RIFLESSIONI NON EPURAZIONI
Perdere così, praticamente senza scendere in pista, fa male. Probabilmente malissimo. Il museo degli orrori della Ferrari, quello dove venivano raccolti i particolari rotti che avevano procurato una rottura, un ritiro, una figuraccia, si arricchisce di una candela da pochi euro.
Perdere così, praticamente senza scendere in pista, fa male. Probabilmente malissimo. Il museo degli orrori della Ferrari, quello dove venivano raccolti i particolari rotti che avevano procurato una rottura, un ritiro, una figuraccia, si arricchisce di una candela da pochi euro. Una beffa consumatasi durante il giro di formazione e completatasi dopo pochi metri, quando si è subito capito che il motore di Vettel aveva il fiato corto. L’aritmetica non condanna ancora la Ferrari, ma 59 punti di distacco a 4 gare dalla fine raccontano il contrario. «Non serve un genio della matematica», come dice melanconico Sebastian Vettel.
Le balle presidenziali probabilmente stanno girando come non mai perché da Monza in poi la Ferrari è scoppiata come il palloncino sfuggito al bambino, ma l’importante è lasciare che la rabbia del momento lasci spazio all’orgoglio di essere arrivati fino a qui. Sei pensiamo a dove era un anno fa, il 2017 della Ferrari può essere letto come un grande passo avanti, un salto in lungo oltre i primi ostacoli anche se il muro finale è stato invalicabile proprio quando sembrava più basso del temuto. L’illusione di esserci, di aver raggiunto la Mercedes, è stata terribile. Ma era giusto e logico forzare, mettere a rischio l’affidabilità per centrare il bersaglio grosso, quello che ormai manca da 10 anni (2007 con Raikkonen). Sarebbe stato peggio accontentarsi e non provarci per nulla. Sarebbe rimasto il rimpianto che spesso ha un sapore molto più amaro della sconfitta. Ricominciare dopo le botte prese nelle ultime gare non sarà semplice. Ma prima di incassare la Ferrari aveva dimostrato di saper colpire. Sono tornate le pole (4) e le vittorie (4). Non tantissime, ma neppure poche e soprattutto mai arrivate per caso. E’ da qui che bisogna ricominciare. Senza farsi prendere dalla voglia di trovare un colpevole per forza, di tagliare qualche testa, di offrire una vittima sacrificale. E’ corretto analizzare che cosa è capitato, che cosa non ha funzionato nel processo di controllo qualità, perché chiedendo più prestazioni è venuta a mancare l’affidabilità. Qualche correzione andrà per forza fatta. Qualche verifica dei fornitori messi sotto accusa da Marchionne prima e da Arrivabene poi, pure. Ma sarà meglio prendere ogni decisione a «balle rotanti» ormai ferme per evitare di tagliare rami che ancora secchi non sono. D’altra parte, pur con il cambio di regolamenti di quest’anno, era difficile pensare ad un ribaltone immediato. La Ferrari in alcune gare è stata superiore alla Mercedes, in alcune condizioni anche molto superiore. Ma alla lunga ha pagato lo sforzo enorme che deve fare chi è in recupero e una volta arrivato in testa non ha più fiato e dai muscoli intrisi di acido lattico arrivano solo dolori.
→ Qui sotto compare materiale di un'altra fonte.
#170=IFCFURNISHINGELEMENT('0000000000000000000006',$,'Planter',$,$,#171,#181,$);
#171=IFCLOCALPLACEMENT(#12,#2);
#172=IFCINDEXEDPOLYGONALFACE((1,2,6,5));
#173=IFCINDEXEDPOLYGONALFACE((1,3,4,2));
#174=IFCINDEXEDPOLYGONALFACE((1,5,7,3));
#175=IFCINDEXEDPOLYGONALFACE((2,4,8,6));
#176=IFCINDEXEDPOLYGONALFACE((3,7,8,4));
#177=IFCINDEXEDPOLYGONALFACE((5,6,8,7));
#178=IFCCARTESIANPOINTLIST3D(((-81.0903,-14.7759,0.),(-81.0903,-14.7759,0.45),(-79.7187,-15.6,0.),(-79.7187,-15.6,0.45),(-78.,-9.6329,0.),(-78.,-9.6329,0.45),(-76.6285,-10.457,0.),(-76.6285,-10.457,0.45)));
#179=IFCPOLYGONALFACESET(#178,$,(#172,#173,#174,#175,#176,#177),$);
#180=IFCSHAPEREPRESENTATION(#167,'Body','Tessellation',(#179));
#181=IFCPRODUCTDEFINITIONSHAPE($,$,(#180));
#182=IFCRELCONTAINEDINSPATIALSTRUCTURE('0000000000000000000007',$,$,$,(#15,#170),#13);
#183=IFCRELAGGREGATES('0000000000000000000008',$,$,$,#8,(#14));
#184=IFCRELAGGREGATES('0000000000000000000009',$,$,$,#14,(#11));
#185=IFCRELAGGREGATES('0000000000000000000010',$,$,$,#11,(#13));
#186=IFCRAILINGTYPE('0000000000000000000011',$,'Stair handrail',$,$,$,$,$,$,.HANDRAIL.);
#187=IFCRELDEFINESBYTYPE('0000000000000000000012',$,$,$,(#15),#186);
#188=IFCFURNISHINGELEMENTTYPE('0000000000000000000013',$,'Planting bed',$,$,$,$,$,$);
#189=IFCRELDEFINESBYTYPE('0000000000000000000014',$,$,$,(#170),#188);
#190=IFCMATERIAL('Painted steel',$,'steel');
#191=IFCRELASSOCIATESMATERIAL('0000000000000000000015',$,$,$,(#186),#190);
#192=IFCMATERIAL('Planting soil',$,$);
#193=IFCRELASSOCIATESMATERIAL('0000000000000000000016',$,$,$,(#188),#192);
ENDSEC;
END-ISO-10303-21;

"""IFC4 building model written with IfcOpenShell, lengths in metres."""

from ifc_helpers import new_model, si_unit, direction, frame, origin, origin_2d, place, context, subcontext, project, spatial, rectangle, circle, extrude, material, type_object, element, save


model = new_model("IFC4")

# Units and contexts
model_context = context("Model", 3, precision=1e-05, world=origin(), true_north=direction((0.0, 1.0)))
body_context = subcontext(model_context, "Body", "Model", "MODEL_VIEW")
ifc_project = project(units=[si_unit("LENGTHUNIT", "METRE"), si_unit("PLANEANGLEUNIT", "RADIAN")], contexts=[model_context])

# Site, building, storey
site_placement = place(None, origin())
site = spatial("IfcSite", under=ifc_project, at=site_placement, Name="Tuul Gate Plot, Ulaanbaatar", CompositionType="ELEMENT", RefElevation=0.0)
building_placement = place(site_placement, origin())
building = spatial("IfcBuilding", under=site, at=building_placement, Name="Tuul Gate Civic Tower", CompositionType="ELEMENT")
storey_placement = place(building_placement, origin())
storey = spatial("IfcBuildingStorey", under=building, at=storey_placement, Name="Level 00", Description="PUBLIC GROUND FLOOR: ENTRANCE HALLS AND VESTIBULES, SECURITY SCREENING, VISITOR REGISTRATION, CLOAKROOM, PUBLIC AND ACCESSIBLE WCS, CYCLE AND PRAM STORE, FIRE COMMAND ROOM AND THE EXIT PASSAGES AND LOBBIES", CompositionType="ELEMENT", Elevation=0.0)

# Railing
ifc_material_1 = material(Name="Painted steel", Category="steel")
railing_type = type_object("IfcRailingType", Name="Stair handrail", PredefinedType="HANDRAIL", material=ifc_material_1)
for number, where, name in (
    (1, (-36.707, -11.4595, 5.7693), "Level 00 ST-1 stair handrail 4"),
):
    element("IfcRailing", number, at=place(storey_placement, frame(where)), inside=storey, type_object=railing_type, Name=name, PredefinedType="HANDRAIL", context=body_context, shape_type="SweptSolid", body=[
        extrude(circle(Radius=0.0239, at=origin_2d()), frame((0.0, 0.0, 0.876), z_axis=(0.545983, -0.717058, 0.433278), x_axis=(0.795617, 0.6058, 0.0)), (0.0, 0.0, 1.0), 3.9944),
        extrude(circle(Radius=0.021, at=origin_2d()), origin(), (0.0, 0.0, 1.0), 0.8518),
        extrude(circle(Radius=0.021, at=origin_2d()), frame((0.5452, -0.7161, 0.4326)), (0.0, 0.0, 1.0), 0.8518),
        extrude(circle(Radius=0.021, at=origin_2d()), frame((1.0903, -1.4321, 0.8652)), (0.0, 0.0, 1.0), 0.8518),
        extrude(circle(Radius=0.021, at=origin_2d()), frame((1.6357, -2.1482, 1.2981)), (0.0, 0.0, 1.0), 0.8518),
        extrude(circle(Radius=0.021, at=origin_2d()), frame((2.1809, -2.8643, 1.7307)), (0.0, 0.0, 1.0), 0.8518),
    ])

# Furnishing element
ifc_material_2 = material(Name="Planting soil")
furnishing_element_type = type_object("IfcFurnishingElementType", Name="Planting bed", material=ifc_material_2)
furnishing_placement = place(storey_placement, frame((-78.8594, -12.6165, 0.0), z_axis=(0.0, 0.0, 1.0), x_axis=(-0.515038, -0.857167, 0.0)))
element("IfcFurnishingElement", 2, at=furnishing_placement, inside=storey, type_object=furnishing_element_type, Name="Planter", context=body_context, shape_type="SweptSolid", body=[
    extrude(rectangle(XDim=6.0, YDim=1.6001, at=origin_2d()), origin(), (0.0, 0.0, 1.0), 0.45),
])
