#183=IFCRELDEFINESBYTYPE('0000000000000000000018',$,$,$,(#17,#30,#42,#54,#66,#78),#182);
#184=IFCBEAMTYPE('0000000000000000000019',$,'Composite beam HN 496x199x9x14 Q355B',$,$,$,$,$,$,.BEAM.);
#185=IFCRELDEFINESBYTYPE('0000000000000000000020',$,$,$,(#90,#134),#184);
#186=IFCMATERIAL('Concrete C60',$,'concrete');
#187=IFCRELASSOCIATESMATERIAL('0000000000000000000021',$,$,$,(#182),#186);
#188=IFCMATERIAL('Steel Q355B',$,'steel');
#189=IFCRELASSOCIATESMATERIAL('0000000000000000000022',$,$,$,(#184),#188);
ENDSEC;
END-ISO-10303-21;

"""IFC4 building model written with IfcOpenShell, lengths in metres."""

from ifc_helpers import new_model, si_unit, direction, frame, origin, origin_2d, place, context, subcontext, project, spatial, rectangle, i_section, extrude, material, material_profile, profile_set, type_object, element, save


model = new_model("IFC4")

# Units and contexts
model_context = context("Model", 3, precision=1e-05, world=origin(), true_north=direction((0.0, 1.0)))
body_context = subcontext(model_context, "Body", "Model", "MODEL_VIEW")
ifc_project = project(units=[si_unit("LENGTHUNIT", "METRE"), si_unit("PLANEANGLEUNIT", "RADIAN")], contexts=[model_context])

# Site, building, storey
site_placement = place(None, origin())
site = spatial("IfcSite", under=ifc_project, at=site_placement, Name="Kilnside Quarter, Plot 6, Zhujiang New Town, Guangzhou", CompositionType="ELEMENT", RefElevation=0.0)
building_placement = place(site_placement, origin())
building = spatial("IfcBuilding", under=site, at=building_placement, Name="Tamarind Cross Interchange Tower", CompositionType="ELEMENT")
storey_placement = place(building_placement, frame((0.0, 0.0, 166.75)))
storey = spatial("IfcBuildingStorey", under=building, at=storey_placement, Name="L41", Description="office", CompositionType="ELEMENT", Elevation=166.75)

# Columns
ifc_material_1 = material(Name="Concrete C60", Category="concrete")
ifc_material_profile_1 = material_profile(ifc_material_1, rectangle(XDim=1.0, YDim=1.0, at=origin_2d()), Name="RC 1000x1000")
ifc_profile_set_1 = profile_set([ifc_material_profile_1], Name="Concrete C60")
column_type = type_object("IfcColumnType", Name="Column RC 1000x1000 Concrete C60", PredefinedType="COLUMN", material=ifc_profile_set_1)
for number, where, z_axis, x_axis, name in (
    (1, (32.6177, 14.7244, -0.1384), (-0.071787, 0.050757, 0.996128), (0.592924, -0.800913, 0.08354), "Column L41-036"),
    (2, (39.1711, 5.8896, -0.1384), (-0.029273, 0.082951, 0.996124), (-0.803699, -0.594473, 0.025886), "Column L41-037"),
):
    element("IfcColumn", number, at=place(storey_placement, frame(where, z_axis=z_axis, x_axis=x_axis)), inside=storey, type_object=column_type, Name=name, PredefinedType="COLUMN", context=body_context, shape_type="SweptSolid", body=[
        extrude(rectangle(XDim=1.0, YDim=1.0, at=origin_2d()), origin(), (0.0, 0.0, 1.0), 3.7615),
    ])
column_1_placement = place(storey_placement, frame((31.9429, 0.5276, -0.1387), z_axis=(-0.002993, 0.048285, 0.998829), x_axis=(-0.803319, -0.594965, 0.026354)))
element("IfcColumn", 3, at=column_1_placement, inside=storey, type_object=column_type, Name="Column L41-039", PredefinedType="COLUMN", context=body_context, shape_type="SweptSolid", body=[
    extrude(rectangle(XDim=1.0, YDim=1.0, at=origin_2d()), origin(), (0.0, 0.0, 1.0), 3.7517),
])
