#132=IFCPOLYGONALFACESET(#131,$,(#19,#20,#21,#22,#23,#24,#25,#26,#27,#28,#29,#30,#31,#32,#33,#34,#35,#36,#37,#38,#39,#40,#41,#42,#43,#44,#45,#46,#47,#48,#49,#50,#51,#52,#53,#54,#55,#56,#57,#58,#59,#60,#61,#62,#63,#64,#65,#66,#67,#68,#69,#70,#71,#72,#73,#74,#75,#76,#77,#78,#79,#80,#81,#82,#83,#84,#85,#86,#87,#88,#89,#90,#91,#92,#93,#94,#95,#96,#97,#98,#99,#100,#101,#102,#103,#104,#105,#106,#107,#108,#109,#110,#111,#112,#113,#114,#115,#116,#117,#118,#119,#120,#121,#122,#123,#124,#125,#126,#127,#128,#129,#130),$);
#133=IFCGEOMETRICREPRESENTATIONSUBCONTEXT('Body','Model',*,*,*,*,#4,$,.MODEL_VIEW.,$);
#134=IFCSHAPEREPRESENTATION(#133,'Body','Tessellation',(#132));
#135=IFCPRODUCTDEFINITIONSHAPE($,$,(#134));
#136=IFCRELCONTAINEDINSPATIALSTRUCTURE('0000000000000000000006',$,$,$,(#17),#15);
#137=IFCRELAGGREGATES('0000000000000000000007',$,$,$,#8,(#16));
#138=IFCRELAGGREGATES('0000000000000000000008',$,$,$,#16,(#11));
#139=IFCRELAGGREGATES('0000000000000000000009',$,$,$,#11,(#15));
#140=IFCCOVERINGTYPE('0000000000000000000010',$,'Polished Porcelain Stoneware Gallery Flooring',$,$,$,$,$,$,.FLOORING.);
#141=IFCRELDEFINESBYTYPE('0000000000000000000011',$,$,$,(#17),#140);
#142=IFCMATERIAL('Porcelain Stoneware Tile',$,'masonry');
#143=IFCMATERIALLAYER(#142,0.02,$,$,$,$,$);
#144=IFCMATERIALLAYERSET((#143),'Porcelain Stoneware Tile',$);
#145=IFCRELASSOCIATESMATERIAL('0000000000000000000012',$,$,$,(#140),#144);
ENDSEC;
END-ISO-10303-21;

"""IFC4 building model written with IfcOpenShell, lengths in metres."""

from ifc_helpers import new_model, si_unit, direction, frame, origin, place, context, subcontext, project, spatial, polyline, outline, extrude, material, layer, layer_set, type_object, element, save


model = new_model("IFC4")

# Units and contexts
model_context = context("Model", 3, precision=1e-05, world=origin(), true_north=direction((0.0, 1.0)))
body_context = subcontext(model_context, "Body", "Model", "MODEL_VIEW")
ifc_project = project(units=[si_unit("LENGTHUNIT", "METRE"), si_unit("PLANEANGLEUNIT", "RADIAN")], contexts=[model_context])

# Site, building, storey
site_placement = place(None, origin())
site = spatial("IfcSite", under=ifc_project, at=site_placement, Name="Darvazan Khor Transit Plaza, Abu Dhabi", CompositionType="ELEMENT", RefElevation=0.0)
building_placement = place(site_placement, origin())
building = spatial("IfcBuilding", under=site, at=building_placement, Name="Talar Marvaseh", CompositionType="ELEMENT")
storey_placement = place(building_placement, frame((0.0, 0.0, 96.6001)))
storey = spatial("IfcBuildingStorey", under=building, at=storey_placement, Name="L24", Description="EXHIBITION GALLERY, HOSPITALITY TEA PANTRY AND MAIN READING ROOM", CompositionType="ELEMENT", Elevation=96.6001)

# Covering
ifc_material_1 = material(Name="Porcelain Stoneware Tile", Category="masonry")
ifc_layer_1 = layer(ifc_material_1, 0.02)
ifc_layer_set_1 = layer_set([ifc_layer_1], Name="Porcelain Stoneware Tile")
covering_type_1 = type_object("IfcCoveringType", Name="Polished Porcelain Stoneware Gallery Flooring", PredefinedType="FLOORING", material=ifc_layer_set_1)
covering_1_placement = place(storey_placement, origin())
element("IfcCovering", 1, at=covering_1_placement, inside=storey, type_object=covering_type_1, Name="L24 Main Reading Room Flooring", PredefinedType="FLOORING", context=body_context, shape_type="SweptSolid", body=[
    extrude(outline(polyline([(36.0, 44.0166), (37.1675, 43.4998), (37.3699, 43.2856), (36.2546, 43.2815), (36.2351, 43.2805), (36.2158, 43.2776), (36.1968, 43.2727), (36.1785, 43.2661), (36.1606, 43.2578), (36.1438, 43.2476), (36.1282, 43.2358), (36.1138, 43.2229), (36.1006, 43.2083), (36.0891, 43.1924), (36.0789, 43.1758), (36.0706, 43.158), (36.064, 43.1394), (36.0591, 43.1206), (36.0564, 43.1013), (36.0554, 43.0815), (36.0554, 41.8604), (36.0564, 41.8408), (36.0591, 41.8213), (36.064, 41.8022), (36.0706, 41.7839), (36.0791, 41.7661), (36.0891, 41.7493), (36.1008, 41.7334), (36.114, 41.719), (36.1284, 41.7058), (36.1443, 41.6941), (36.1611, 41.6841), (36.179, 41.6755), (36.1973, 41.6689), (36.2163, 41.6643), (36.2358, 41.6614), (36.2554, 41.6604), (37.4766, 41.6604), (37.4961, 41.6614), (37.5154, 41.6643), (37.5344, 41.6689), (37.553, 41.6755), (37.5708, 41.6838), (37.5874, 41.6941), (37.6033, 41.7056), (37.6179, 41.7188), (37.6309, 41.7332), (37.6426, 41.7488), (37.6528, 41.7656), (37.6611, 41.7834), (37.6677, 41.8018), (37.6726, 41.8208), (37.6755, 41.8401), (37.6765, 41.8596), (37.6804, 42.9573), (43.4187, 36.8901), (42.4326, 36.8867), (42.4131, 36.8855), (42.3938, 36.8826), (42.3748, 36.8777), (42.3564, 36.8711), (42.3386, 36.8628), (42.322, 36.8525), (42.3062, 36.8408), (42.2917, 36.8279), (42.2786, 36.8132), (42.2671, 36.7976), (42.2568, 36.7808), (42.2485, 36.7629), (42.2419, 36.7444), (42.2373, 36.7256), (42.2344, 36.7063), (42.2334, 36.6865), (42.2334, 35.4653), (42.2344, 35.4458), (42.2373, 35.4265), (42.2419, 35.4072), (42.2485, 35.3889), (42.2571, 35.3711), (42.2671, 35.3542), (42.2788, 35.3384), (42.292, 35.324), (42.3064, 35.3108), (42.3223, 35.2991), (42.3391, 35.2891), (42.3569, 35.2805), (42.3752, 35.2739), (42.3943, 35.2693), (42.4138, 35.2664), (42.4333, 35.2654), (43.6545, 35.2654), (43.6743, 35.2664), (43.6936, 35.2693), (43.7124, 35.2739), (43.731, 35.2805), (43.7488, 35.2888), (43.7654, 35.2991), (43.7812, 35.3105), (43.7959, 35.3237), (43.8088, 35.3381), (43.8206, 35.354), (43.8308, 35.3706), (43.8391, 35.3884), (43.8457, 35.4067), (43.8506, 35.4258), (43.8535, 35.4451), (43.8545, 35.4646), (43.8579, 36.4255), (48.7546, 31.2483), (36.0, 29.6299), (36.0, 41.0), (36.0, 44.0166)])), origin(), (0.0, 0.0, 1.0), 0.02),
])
Qualche volta hanno sbagliato i piloti, qualche volta hanno sbagliato i tecnici, qualche volta può aver sbagliato anche un meccanico. Ma la storia recente della Ferrari insegna che ci vuole pazienza. Per ritornare a vincere con Schumacher a Maranello aspettarono dal 1996 al 2001 (con un mondiale costruttori l’anno prima). Se Montezemolo fosse stato a sentire chi gli chiedeva la testa di Todt dopo i primi tre anni chissà se sarebbero mai arrivati gli anni dell’oro... Bisogna solo capire che vincere in Formula 1 non è facile, ma terribilmente complicato.